He’s been doing this for months now, ever since President Donald Trump canceled his work permit. Before that, he’d installed speakers at a Tesla facility north of town for 12 hours a day. And before that, he’d served drinks at a nightclub downtown, worked construction, and hauled furniture. 

These days, he takes whatever he can find, whenever he can find it, hoping someone will accept his expired documents. His American girlfriend helps when she can, but her brothers won’t even look at him. “Your boyfriend isn’t welcome until he gets his papers,” he said they told her.

Rodríguez, who asked to be identified only by his last name for fear of retaliation, is one of an estimated 125,000 Cubans now living in Texas. He is part of a wave who fled the island over the past five years, seeking safety.
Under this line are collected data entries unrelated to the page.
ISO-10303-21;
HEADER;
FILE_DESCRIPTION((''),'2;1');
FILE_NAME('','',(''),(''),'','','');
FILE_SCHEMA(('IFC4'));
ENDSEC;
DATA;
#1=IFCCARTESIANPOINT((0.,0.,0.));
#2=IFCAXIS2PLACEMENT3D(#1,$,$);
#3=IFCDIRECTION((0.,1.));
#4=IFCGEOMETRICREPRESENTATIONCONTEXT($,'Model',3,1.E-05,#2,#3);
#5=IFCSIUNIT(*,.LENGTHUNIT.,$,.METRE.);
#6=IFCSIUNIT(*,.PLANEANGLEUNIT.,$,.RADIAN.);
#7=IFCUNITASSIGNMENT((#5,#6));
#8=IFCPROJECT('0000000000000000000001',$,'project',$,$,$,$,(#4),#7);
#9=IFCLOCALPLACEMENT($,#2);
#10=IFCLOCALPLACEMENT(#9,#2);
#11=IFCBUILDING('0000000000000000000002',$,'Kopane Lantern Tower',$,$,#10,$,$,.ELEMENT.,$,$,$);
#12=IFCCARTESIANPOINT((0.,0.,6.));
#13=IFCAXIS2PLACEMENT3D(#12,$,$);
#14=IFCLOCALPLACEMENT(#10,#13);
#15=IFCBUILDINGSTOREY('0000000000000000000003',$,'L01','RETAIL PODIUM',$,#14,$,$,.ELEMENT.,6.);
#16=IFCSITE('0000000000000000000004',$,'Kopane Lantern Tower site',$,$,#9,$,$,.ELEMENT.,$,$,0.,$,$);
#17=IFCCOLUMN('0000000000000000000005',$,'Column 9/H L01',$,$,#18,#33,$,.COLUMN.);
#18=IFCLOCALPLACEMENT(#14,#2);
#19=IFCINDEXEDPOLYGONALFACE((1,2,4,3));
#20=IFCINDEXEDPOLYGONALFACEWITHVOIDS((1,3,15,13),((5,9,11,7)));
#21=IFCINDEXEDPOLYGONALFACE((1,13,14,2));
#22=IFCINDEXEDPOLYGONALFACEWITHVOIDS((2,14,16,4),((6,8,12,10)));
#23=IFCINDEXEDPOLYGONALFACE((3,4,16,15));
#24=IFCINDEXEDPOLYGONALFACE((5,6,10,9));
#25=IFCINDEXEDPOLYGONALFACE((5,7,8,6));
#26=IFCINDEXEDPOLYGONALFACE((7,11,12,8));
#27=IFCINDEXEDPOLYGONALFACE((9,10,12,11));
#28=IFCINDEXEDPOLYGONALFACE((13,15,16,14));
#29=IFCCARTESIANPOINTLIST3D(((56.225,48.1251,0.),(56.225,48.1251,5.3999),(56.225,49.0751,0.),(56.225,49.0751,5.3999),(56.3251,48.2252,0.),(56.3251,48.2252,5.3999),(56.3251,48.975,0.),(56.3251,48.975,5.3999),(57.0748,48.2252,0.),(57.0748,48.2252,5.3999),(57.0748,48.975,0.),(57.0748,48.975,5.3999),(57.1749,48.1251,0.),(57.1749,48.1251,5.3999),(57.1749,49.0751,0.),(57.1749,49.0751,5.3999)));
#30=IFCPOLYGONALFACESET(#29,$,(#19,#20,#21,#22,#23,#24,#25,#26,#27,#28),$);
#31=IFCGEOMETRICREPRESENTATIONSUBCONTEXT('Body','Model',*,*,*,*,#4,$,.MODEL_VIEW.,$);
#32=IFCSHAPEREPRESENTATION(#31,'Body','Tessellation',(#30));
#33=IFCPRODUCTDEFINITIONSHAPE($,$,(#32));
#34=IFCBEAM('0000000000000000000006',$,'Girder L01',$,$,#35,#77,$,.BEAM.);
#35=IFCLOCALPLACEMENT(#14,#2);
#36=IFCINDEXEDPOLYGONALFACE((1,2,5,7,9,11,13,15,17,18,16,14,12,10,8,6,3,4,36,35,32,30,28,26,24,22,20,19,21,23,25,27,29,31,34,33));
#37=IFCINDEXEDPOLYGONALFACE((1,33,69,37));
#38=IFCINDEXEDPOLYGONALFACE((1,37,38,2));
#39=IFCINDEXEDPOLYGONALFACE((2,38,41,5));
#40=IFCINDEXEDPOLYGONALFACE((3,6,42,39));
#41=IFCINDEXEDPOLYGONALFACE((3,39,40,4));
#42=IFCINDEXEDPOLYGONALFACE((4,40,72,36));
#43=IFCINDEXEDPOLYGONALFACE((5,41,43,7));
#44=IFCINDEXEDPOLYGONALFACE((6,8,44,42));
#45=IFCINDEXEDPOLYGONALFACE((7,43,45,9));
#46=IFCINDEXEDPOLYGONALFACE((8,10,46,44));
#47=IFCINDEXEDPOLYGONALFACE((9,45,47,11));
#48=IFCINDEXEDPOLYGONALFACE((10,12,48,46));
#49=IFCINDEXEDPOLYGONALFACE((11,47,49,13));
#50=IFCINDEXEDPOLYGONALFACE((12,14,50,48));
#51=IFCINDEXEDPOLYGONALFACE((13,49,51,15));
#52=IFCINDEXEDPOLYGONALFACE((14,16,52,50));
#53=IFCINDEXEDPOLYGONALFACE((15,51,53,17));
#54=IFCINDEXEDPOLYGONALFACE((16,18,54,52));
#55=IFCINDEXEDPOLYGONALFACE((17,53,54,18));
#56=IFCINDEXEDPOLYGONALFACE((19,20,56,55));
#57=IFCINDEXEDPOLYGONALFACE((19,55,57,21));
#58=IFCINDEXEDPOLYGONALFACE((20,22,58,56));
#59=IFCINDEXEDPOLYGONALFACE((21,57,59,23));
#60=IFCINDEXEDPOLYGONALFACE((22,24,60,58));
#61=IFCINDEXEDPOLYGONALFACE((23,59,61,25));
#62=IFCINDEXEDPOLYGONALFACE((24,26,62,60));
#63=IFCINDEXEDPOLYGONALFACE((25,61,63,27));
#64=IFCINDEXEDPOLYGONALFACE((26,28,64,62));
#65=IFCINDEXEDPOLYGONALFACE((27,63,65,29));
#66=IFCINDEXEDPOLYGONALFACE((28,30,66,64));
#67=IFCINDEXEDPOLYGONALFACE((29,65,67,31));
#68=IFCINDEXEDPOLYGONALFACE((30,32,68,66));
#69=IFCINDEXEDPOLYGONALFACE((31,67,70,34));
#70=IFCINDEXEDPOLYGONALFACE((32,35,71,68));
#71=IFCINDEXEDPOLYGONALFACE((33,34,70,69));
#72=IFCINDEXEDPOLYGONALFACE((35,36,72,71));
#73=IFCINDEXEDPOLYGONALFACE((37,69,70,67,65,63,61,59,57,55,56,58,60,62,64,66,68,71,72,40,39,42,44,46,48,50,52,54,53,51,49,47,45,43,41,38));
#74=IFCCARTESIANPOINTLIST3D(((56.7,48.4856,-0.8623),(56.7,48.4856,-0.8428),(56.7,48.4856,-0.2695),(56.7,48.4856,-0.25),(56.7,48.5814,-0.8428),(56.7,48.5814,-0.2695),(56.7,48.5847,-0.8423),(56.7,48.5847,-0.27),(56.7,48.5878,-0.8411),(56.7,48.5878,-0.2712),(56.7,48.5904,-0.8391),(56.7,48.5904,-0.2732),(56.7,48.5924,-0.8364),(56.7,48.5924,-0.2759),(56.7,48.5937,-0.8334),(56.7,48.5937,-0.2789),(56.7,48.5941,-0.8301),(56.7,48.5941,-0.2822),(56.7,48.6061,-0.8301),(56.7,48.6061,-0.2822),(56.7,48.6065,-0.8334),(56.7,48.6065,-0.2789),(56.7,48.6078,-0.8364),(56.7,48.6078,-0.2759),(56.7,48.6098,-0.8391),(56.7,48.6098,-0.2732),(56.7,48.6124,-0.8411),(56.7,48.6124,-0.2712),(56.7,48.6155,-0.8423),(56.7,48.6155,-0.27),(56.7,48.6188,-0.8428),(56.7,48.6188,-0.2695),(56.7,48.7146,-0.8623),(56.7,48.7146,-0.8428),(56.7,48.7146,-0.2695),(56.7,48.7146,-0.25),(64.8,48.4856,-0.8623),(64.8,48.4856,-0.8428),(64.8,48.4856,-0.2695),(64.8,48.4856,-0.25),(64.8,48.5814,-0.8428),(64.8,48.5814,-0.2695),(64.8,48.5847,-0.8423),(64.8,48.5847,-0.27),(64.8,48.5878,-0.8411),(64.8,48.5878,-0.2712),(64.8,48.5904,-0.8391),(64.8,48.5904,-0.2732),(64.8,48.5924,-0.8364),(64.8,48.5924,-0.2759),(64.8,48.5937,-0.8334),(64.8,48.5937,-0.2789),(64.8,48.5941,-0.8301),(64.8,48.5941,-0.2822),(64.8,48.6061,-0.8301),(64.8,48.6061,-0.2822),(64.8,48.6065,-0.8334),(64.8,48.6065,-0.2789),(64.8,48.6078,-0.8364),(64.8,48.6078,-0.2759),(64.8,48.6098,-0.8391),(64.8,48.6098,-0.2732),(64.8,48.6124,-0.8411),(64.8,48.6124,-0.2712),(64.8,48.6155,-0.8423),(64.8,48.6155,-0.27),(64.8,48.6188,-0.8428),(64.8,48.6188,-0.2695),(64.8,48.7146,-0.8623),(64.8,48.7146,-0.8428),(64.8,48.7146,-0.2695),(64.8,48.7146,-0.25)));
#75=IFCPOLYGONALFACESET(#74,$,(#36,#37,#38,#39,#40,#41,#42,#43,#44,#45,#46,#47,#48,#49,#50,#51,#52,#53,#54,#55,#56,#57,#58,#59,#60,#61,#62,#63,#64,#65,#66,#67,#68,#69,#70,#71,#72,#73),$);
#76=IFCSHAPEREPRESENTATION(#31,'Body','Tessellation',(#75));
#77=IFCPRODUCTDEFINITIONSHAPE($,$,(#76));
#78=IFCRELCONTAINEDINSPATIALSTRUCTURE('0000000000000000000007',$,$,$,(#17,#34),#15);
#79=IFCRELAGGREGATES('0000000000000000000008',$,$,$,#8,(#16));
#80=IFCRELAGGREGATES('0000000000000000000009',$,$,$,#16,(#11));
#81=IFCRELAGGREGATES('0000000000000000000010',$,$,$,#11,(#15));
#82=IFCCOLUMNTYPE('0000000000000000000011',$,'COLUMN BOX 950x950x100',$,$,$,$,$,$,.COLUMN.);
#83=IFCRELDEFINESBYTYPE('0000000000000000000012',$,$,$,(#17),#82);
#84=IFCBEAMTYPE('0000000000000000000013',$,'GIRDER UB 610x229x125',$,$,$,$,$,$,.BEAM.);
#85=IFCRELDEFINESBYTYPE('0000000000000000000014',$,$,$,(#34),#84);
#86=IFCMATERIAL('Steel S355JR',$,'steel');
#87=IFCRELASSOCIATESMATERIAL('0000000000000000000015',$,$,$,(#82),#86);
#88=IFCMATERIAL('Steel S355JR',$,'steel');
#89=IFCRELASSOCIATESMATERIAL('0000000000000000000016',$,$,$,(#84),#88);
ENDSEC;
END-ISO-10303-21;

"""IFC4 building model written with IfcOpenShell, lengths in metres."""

from ifc_helpers import new_model, si_unit, direction, frame, origin, origin_2d, place, context, subcontext, project, spatial, hollow_rectangle, i_section, extrude, material, material_profile, profile_set, type_object, element, save


model = new_model("IFC4")

# Units and contexts
model_context = context("Model", 3, precision=1e-05, world=origin(), true_north=direction((0.0, 1.0)))
body_context = subcontext(model_context, "Body", "Model", "MODEL_VIEW")
ifc_project = project(units=[si_unit("LENGTHUNIT", "METRE"), si_unit("PLANEANGLEUNIT", "RADIAN")], contexts=[model_context])

# Site, building, storey
site_placement = place(None, origin())
site = spatial("IfcSite", under=ifc_project, at=site_placement, Name="Kopane Lantern Tower site", CompositionType="ELEMENT", RefElevation=0.0)
building_placement = place(site_placement, origin())
building = spatial("IfcBuilding", under=site, at=building_placement, Name="Kopane Lantern Tower", CompositionType="ELEMENT")
storey_placement = place(building_placement, frame((0.0, 0.0, 6.0)))
storey = spatial("IfcBuildingStorey", under=building, at=storey_placement, Name="L01", Description="RETAIL PODIUM", CompositionType="ELEMENT", Elevation=6.0)

# Column
ifc_material_1 = material(Name="Steel S355JR", Category="steel")
ifc_material_profile_1 = material_profile(ifc_material_1, hollow_rectangle(XDim=0.95, YDim=0.95, WallThickness=0.1001, at=origin_2d()), Name="BOX 950x950x100")
ifc_profile_set_1 = profile_set([ifc_material_profile_1], Name="Steel S355JR")
column_type = type_object("IfcColumnType", Name="COLUMN BOX 950x950x100", PredefinedType="COLUMN", material=ifc_profile_set_1)
column_placement = place(storey_placement, frame((56.7, 48.6001, 0.0), z_axis=(0.0, 0.0, 1.0), x_axis=(1.0, 0.0, 0.0)))
element("IfcColumn", 1, at=column_placement, inside=storey, type_object=column_type, Name="Column 9/H L01", PredefinedType="COLUMN", context=body_context, shape_type="SweptSolid", body=[
    extrude(hollow_rectangle(XDim=0.95, YDim=0.95, WallThickness=0.1001, at=origin_2d()), origin(), (0.0, 0.0, 1.0), 5.3999),
])

# Beam
ifc_material_2 = material(Name="Steel S355JR", Category="steel")
ifc_material_profile_2 = material_profile(ifc_material_2, i_section(OverallWidth=0.229, OverallDepth=0.6123, WebThickness=0.012, FlangeThickness=0.0195, FilletRadius=0.0127, at=origin_2d()), Name="UB 610x229x125")
ifc_profile_set_2 = profile_set([ifc_material_profile_2], Name="Steel S355JR")
beam_type = type_object("IfcBeamType", Name="GIRDER UB 610x229x125", PredefinedType="BEAM", material=ifc_profile_set_2)
beam_placement = place(storey_placement, frame((56.7, 48.6001, -0.5562), z_axis=(1.0, 0.0, 0.0), x_axis=(0.0, 1.0, 0.0)))
element("IfcBeam", 2, at=beam_placement, inside=storey, type_object=beam_type, Name="Girder L01", PredefinedType="BEAM", context=body_context, shape_type="SweptSolid", body=[
    extrude(i_section(OverallWidth=0.229, OverallDepth=0.6123, WebThickness=0.012, FlangeThickness=0.0195, FilletRadius=0.0127, at=origin_2d()), origin(), (0.0, 0.0, 1.0), 8.1001),
])

save(model, "model.ifc")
Instead, they found a U.S. immigration system that opens doors, then slams them shut: work permits canceled overnight and bureaucratic delays stretching for years.

The flow of Cubans to the United States became a flood after July 11, 2021, when thousands took to the streets demanding freedom. More than 850,000 arrived here from 2022 to September 2024. To manage the influx, the Biden administration created a humanitarian parole process in January 2023, allowing Cubans and others to apply online for legal entry and work permits while awaiting immigration court dates. Then, under Trump’s second administration, humanitarian parole programs were ended, stripping those permits and legal protections from more than half a million people.
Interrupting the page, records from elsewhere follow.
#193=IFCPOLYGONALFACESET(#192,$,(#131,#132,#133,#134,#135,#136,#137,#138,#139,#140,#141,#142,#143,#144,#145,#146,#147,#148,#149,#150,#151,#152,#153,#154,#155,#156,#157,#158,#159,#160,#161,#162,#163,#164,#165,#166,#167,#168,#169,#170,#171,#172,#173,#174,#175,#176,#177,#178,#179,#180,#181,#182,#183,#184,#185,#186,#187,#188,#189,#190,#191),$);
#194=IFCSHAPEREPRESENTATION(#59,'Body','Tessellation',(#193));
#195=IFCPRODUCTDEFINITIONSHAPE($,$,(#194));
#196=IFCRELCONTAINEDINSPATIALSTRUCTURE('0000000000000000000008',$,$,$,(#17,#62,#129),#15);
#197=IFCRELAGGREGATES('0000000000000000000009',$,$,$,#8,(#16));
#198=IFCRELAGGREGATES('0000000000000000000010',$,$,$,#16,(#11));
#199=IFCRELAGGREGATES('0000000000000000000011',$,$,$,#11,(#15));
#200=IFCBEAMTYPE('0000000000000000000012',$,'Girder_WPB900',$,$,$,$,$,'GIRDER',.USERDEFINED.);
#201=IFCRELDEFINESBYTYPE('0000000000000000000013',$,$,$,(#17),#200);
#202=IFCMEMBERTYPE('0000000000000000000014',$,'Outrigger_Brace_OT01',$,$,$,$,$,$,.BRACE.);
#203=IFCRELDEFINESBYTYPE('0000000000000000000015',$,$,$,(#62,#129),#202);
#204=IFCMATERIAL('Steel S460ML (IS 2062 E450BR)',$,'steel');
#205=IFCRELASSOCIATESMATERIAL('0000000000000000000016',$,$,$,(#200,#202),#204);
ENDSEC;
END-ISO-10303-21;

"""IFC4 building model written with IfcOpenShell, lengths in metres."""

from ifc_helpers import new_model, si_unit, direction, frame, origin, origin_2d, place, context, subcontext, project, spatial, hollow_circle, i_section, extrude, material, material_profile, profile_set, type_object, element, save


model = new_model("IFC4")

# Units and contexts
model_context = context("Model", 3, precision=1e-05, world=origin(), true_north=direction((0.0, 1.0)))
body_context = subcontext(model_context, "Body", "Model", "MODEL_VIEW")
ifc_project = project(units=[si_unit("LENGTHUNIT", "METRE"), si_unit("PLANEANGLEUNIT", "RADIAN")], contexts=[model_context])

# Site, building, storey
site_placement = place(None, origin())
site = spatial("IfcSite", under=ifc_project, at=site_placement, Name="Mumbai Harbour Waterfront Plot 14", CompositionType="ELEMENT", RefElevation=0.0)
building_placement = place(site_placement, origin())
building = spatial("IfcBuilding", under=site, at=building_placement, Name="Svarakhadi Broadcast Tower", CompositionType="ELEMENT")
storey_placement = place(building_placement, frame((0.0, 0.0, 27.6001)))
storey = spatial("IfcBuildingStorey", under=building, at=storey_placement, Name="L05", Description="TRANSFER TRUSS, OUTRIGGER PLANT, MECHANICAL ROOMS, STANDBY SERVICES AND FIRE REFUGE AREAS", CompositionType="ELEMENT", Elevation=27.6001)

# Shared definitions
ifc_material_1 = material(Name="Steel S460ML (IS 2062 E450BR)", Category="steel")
The changes created shock waves, particularly among people who historically had benefited from the Cuban Adjustment Act—a Cold War-era policy created in the aftermath of the Cuban Revolution that promised many a relatively swift path to permanent residency after a year. Now, technicalities in that law and changes in U.S. policy have disqualified many new arrivals—even some with U.S. citizen relatives. Applicants are required to prove that they entered the country “properly.” They cannot have a prior deportation order or any criminal or immigration court record.

They’re effectively undocumented, and Trump’s ICE is on the hunt.
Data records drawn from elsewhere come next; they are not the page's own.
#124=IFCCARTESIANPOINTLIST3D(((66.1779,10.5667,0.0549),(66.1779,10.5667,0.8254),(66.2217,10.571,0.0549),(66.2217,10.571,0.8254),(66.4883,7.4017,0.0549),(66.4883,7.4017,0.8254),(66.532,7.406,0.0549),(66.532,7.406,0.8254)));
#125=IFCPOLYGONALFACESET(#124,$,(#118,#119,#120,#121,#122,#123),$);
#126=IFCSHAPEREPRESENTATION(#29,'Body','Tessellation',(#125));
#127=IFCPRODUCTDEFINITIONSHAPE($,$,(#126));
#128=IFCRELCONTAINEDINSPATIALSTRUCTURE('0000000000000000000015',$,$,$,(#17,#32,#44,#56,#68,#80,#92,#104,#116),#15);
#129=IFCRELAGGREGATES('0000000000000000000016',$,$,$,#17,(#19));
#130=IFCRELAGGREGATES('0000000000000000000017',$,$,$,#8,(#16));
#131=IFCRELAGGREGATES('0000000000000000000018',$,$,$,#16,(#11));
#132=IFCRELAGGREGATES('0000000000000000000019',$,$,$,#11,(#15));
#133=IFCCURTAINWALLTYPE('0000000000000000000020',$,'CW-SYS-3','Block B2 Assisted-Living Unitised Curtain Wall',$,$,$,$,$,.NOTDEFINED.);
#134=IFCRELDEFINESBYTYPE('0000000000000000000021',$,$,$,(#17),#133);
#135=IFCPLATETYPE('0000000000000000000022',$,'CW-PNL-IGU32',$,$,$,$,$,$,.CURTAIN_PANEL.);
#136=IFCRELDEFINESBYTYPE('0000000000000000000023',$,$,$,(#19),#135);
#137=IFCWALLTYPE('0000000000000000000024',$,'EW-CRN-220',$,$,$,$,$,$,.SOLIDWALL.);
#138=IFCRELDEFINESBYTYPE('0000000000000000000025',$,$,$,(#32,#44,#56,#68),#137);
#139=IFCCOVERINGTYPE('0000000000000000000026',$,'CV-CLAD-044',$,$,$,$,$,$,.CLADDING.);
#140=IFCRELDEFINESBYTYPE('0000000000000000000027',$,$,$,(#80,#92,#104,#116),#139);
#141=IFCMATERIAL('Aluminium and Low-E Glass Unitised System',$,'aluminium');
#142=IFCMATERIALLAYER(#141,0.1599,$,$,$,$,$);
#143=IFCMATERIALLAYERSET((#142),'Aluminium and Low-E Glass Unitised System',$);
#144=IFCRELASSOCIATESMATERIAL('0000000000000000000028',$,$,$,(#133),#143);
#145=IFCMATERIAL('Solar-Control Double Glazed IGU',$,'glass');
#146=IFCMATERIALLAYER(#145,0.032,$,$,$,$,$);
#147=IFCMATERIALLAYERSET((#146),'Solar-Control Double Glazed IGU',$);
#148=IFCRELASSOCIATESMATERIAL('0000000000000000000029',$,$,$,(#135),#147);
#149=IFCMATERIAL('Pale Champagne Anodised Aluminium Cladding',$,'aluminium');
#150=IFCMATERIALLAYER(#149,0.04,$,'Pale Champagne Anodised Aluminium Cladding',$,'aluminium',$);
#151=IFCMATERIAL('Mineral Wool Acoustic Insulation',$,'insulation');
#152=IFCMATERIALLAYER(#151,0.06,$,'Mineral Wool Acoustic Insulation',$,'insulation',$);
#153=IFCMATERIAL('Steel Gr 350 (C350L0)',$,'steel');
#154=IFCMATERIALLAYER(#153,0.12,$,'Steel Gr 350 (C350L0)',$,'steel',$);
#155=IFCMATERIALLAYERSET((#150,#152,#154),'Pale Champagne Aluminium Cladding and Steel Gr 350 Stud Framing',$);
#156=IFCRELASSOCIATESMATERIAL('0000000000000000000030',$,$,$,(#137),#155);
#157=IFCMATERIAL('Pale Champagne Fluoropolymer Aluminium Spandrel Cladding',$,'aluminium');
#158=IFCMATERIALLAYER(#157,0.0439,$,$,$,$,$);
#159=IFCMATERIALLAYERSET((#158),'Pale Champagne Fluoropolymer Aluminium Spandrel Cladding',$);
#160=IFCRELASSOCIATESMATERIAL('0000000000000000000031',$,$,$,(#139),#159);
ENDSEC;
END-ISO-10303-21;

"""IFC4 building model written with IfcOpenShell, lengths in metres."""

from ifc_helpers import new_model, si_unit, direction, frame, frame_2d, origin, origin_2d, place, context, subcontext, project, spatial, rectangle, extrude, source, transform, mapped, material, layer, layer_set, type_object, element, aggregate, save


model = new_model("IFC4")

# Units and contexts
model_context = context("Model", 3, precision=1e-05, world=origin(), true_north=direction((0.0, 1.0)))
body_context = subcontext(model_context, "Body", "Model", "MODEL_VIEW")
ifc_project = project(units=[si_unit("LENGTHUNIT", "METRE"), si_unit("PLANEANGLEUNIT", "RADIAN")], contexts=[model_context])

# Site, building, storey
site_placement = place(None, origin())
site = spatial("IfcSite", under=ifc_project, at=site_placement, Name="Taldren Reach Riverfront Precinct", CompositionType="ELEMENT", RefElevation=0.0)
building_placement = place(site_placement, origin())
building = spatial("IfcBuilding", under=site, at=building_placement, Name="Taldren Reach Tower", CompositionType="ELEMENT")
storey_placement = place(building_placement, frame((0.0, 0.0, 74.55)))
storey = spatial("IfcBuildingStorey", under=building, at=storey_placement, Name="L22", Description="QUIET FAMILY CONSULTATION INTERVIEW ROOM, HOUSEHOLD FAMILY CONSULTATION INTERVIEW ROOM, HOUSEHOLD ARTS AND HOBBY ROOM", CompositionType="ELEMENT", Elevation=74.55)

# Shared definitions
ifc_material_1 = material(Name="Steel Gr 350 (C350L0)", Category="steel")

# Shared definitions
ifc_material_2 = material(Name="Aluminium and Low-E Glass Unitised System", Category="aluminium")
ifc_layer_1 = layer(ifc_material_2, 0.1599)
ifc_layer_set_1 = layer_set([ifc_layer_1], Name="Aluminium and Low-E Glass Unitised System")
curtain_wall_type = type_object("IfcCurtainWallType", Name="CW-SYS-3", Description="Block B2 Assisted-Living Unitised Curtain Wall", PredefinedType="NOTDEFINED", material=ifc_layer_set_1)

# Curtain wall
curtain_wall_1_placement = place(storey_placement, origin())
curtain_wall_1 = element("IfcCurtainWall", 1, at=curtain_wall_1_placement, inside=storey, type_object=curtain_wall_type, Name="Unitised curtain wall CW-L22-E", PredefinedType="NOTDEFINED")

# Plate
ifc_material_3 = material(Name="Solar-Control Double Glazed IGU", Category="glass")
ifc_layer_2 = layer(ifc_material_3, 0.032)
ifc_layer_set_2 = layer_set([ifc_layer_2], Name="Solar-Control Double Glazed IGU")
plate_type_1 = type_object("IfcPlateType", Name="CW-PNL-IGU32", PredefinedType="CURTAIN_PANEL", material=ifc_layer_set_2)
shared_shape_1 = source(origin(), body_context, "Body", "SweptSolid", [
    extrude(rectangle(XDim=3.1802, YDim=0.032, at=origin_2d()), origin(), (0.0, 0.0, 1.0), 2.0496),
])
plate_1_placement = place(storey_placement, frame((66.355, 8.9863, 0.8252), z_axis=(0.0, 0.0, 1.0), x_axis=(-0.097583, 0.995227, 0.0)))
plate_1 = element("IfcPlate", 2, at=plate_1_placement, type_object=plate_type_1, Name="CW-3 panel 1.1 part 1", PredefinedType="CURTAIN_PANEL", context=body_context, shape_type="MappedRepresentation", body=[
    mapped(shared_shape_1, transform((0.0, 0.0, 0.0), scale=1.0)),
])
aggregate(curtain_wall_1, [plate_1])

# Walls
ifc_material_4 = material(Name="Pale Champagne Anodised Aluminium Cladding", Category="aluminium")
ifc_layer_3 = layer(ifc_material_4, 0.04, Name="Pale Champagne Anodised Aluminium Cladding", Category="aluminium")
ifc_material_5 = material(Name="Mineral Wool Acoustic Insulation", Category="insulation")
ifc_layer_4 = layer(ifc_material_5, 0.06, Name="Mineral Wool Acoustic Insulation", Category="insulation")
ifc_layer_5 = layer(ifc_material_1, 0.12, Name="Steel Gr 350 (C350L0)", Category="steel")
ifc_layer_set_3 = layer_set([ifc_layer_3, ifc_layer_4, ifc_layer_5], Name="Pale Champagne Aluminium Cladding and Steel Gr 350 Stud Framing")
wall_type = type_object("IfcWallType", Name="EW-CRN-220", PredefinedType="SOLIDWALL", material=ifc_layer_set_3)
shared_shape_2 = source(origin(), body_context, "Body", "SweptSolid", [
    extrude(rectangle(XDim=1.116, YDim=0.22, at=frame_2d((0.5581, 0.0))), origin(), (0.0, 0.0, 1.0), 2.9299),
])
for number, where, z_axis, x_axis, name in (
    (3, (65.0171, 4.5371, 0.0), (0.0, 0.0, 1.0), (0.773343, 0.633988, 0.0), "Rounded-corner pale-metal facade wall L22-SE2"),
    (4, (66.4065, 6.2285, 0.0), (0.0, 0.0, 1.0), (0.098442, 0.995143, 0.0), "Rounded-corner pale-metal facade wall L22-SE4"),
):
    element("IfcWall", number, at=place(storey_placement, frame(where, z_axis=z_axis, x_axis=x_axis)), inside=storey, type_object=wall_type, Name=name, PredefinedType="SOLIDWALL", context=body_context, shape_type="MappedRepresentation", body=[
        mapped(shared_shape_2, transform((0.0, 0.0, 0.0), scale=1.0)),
Here, five recent Cuban immigrants to Texas tell their stories. All agreed to speak on the condition of partial anonymity, fearing deportation or persecution for speaking out. The interviews were conducted in Spanish; quotes are translated. Some details in these accounts could not be independently verified, including expenses or interactions that occurred before the migrants reached the United States. These accounts are based on consistent testimony across interviews, documents migrants provided, and public records.

Rodríguez desperately searches job websites. Morales hides with her children. A 26-year-old who goes by the nickname “El Cubano” watches how the world moves without him. Ayala, a singer, keeps her voice warm on weekends, hoping for a future. None know if they’ll be able to stay or will be forced to leave. Meanwhile, Fernández, already deported, attempts to rebuild his life thousands of miles away in yet another country.

Back home in Cuba, others are waiting—and calculating whether it’s worth trying to follow them.

I. Nothing to Do in Austin

Back in Havana, Rodríguez sold beers at an Old Town bar to earn the $1,500 he needed to flee. 

The official bar drink prices were high, so he bought beer on the side for 25 pesos and resold it to tourists for 150 until he made enough for an airplane ticket to Nicaragua. Using advice posted by other migrants on a Cuban WhatsApp group, he traveled, walking most of the 1,800 miles to the Texas-Mexico border.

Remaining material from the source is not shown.